Dr. Carter hopes that through the new centre he heads, he will be able to co-ordinate resources and there will be a place to share knowledge, especially as the sector continues to look for more ways to deliver care more efficiently.
Companies, too, are getting involved. Business intelligence software has been used for decades to make commercial organizations more efficient, and recently, the health care industry has begun using it. SAS Canada, for example, has more than 50 hospitals in Ontario using its software for clinical research projects, more efficient use of resources, or better understanding of costs.
In the United States, waste in the health care sector amounts to about 30 per cent of the budget, Dr. Carter notes.
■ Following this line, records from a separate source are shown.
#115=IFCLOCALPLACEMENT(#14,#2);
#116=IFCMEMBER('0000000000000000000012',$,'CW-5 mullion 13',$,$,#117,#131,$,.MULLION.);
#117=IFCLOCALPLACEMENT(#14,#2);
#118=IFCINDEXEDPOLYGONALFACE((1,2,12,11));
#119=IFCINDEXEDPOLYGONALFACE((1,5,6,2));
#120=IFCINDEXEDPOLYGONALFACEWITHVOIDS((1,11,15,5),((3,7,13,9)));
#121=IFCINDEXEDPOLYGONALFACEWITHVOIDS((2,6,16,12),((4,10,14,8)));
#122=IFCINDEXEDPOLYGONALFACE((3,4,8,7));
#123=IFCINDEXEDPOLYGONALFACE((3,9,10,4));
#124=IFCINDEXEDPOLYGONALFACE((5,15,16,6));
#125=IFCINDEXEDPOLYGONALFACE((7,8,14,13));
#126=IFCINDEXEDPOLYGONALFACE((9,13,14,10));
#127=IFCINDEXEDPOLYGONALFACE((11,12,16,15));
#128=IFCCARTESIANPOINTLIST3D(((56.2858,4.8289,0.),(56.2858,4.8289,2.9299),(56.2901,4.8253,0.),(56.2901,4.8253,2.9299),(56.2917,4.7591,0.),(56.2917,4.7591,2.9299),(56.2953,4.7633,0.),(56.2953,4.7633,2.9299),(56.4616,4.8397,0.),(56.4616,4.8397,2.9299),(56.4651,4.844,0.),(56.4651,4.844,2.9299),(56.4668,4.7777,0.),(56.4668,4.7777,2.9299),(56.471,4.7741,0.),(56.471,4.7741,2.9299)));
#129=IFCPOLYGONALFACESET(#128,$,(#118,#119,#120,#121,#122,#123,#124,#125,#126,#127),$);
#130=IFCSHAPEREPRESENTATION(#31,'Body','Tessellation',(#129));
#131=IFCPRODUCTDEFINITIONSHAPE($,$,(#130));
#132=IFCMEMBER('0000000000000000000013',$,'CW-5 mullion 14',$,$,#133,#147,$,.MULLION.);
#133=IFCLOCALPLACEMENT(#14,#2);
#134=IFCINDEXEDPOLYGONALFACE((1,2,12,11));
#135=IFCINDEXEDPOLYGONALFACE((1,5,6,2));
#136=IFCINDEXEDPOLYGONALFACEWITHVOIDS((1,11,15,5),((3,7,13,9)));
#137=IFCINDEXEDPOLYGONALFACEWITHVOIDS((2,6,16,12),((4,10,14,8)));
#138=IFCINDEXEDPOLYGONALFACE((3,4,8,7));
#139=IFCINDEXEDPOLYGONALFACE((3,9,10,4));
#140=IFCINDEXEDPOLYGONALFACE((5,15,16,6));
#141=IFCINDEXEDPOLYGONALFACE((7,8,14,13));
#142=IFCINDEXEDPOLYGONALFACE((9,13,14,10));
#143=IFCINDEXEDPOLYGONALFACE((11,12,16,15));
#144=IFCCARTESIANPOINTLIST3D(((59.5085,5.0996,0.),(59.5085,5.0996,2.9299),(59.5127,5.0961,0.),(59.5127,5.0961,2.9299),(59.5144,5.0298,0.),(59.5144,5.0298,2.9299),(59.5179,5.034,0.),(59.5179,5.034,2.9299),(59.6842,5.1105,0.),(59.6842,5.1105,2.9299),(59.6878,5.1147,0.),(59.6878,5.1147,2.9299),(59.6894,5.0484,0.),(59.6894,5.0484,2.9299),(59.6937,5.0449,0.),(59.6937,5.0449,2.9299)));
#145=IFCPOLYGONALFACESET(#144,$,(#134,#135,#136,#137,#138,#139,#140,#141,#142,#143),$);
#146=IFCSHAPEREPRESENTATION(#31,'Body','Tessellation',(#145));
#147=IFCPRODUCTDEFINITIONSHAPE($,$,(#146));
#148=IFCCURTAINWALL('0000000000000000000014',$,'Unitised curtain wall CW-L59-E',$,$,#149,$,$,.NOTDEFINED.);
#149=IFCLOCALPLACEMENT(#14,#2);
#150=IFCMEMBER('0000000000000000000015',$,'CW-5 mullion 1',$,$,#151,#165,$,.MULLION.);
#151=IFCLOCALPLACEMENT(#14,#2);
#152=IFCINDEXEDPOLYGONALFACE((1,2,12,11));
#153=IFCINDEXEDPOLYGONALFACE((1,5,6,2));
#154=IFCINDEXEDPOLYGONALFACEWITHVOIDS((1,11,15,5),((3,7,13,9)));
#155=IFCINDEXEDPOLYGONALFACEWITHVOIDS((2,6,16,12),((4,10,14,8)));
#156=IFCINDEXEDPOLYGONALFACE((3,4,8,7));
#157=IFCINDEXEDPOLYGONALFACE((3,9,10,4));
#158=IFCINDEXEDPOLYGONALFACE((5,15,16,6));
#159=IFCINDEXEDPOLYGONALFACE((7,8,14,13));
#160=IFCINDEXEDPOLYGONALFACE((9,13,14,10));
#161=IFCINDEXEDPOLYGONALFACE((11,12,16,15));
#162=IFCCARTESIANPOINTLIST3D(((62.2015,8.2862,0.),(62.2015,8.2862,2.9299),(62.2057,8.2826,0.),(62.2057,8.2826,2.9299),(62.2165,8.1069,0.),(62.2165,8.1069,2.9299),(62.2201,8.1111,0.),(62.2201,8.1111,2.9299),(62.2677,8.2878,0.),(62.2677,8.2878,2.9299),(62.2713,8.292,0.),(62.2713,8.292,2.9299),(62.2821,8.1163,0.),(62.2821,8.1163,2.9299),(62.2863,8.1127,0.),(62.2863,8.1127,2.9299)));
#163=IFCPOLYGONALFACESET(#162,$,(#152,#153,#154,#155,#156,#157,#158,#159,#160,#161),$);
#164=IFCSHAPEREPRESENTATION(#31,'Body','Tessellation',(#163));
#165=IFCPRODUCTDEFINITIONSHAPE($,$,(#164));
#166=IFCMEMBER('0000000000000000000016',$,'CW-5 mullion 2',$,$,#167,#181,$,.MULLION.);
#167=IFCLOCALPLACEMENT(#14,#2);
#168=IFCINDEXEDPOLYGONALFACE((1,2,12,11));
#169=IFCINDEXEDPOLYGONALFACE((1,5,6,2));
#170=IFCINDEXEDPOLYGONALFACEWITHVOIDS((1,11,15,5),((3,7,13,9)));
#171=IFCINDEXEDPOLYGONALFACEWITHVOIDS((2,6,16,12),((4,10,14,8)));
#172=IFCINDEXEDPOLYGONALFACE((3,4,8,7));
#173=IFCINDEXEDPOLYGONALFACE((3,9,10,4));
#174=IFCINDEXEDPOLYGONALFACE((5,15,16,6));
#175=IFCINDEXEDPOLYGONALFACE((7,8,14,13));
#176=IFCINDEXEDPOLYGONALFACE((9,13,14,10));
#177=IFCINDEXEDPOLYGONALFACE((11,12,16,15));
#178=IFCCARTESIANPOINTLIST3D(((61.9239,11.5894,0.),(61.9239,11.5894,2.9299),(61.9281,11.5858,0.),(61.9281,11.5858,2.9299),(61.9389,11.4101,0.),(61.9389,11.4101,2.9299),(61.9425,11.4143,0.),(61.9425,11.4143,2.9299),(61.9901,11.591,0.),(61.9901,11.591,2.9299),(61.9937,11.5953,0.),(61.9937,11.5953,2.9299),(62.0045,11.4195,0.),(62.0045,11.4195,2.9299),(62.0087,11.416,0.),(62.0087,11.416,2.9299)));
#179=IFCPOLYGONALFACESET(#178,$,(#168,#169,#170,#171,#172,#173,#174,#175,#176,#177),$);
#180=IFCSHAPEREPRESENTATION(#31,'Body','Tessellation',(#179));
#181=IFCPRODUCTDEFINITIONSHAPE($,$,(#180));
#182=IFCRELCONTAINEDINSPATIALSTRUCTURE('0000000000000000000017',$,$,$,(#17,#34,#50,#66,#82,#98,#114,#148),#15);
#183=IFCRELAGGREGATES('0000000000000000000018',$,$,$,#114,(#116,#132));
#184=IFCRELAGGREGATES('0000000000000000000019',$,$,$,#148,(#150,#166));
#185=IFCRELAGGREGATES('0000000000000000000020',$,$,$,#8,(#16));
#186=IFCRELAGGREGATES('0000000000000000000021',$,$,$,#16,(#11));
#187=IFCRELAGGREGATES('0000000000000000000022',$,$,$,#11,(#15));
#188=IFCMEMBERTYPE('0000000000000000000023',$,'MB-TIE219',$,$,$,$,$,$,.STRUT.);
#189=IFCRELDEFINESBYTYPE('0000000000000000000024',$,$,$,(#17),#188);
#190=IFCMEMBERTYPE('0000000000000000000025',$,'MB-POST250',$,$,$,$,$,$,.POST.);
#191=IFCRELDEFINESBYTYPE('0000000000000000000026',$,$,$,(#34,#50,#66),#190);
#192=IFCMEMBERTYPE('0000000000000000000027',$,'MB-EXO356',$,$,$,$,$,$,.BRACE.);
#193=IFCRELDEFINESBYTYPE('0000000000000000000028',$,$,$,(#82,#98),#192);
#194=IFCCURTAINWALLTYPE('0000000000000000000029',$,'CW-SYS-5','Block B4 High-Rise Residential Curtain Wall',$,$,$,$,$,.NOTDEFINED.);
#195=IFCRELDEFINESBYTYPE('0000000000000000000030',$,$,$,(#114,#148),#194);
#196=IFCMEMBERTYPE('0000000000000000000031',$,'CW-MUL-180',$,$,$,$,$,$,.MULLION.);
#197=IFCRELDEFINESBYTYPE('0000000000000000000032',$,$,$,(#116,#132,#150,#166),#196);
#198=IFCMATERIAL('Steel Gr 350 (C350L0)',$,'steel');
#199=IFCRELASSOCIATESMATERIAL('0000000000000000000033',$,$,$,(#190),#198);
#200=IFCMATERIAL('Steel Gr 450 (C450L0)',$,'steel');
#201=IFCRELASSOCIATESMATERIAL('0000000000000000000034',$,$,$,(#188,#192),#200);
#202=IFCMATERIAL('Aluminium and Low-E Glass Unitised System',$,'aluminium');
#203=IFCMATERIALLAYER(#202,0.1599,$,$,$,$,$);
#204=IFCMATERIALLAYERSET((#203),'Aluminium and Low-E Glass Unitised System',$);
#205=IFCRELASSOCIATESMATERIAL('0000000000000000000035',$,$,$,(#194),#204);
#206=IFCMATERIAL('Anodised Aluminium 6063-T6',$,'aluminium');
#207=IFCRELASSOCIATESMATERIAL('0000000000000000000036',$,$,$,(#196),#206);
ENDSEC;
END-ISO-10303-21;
There are no similar figures in Canada, but he suspects it's pretty close.
He was once called to a Toronto-area hospital that was booking patients for 30-minute appointments and needed help reducing its waiting list. His analysis found that the average patient was in the doctor's office for 17 minutes. By booking 20-minute appointments, productivity would improve.
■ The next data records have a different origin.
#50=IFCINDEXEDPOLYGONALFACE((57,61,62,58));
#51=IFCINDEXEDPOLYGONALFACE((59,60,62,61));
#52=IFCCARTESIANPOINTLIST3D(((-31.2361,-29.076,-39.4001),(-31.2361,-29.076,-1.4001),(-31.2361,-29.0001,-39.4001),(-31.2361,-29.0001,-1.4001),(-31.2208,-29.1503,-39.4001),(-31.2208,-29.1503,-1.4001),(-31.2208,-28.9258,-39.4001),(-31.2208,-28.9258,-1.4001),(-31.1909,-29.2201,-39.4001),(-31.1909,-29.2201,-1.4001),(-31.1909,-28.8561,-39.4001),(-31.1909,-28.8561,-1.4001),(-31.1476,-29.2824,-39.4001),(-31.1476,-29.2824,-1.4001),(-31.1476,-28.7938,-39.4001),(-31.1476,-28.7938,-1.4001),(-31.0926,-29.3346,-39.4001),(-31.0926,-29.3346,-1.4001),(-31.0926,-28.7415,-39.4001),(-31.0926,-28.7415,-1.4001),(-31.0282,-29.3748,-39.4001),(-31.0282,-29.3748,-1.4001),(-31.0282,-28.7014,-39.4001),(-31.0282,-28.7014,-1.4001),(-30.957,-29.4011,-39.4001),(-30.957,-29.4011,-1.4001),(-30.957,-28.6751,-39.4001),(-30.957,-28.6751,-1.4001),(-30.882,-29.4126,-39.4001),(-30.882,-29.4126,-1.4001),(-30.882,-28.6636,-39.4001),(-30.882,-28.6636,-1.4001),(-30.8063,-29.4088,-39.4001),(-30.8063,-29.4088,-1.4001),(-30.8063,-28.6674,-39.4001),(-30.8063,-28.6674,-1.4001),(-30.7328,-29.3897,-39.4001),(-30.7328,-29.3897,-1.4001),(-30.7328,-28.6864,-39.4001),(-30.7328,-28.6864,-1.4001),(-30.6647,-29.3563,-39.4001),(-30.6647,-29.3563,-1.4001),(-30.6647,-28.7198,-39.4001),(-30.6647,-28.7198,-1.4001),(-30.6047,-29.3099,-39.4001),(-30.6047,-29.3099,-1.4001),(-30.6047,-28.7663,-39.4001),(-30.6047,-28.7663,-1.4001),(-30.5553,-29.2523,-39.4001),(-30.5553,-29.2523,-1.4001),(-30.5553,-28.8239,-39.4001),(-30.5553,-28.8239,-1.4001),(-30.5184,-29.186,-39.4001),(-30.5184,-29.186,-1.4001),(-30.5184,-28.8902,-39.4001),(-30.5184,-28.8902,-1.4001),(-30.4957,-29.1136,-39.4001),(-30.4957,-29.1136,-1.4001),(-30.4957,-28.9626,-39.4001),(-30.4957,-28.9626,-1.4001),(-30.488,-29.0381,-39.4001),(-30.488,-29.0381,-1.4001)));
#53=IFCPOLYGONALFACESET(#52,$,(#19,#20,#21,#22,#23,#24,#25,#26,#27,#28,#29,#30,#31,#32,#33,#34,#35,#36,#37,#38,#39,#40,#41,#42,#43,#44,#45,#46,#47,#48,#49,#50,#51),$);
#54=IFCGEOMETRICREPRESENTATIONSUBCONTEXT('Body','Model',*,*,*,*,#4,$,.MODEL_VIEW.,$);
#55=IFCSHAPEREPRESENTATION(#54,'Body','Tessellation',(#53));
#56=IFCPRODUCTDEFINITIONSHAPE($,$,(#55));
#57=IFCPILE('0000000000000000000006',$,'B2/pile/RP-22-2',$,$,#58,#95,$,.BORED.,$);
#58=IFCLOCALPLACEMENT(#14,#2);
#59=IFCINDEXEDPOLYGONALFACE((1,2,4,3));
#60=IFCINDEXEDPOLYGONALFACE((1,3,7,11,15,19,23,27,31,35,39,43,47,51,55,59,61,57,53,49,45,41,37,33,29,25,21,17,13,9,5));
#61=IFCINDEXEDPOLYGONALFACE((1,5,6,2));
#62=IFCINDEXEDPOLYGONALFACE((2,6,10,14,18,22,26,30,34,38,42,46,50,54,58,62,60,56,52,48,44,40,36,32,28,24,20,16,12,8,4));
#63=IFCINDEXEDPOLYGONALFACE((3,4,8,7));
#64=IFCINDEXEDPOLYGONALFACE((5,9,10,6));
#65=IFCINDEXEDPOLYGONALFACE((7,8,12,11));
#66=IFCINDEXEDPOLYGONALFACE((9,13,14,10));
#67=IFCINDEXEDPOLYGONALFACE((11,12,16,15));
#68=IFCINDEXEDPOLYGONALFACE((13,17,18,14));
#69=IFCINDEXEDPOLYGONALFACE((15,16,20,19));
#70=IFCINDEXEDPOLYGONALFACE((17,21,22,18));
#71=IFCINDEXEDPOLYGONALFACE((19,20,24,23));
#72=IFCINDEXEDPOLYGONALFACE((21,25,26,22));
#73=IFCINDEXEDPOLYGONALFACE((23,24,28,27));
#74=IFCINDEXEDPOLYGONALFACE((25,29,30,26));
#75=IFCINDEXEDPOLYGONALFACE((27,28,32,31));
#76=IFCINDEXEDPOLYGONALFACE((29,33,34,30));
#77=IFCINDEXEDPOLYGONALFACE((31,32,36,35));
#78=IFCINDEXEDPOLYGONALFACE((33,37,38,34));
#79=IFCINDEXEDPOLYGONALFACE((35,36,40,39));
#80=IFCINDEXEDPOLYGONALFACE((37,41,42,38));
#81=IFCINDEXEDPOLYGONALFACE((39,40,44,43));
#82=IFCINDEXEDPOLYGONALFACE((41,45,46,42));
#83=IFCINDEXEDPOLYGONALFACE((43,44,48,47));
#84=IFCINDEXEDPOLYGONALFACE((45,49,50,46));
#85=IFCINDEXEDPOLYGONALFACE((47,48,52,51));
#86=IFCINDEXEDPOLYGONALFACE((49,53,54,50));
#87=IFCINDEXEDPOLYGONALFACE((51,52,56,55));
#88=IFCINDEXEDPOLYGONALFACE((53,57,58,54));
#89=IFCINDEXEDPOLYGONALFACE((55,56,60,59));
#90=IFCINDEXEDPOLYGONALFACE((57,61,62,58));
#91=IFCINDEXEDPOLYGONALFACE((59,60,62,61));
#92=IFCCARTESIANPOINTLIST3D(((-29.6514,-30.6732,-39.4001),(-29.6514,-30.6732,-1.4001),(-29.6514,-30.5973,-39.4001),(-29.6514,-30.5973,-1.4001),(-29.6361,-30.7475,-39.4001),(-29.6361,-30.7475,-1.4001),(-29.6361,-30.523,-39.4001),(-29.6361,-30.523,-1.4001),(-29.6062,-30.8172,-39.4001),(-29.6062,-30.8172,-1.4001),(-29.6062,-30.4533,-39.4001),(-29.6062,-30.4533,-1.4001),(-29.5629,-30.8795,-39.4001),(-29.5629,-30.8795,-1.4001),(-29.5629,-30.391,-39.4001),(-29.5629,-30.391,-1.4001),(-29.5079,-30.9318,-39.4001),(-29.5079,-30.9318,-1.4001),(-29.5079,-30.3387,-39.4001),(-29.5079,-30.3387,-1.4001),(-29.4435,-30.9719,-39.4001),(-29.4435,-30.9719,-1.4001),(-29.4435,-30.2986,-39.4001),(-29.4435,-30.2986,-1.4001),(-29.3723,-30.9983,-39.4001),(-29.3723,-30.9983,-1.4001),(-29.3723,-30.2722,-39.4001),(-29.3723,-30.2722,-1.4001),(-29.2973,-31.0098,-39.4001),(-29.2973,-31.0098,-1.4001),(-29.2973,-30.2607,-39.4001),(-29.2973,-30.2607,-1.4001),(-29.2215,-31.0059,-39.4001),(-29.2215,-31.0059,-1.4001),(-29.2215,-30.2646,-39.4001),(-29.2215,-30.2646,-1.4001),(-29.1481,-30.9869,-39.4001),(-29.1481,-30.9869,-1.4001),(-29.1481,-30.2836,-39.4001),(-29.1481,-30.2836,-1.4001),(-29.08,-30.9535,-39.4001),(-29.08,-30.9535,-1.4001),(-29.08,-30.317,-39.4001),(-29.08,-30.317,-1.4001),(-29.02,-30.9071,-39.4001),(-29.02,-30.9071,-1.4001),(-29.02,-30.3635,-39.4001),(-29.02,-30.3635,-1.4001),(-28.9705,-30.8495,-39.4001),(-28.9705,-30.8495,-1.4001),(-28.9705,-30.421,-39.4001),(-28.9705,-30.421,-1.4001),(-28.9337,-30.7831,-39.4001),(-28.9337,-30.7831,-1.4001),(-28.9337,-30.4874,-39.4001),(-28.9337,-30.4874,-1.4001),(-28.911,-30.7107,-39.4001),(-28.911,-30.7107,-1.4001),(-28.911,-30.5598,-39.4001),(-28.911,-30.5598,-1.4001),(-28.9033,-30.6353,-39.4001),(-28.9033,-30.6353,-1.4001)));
"There's a lot of waste in health care and it's not intentional," he says. "It's duplicate tests, it's the waste of having people wait around. … It's the wrong resource at the wrong place at the wrong time."
New technologies or management systems won't replace the expertise of health care professionals, of course. But they do allow a hospital to better manage its resources, says Pat Finerty, vice-president of alliances and business development at SAS Canada.
"[Just as] e-banking was the rage in the mid-'90s, and integrating various lines of business in the banking industry was the major challenge, so today e-health is absolutely a top priority initiative in all the major health systems in Canada," Mr. Finerty says. "Integrating hospitals' and agencies' and ministries' information management is again a huge issue."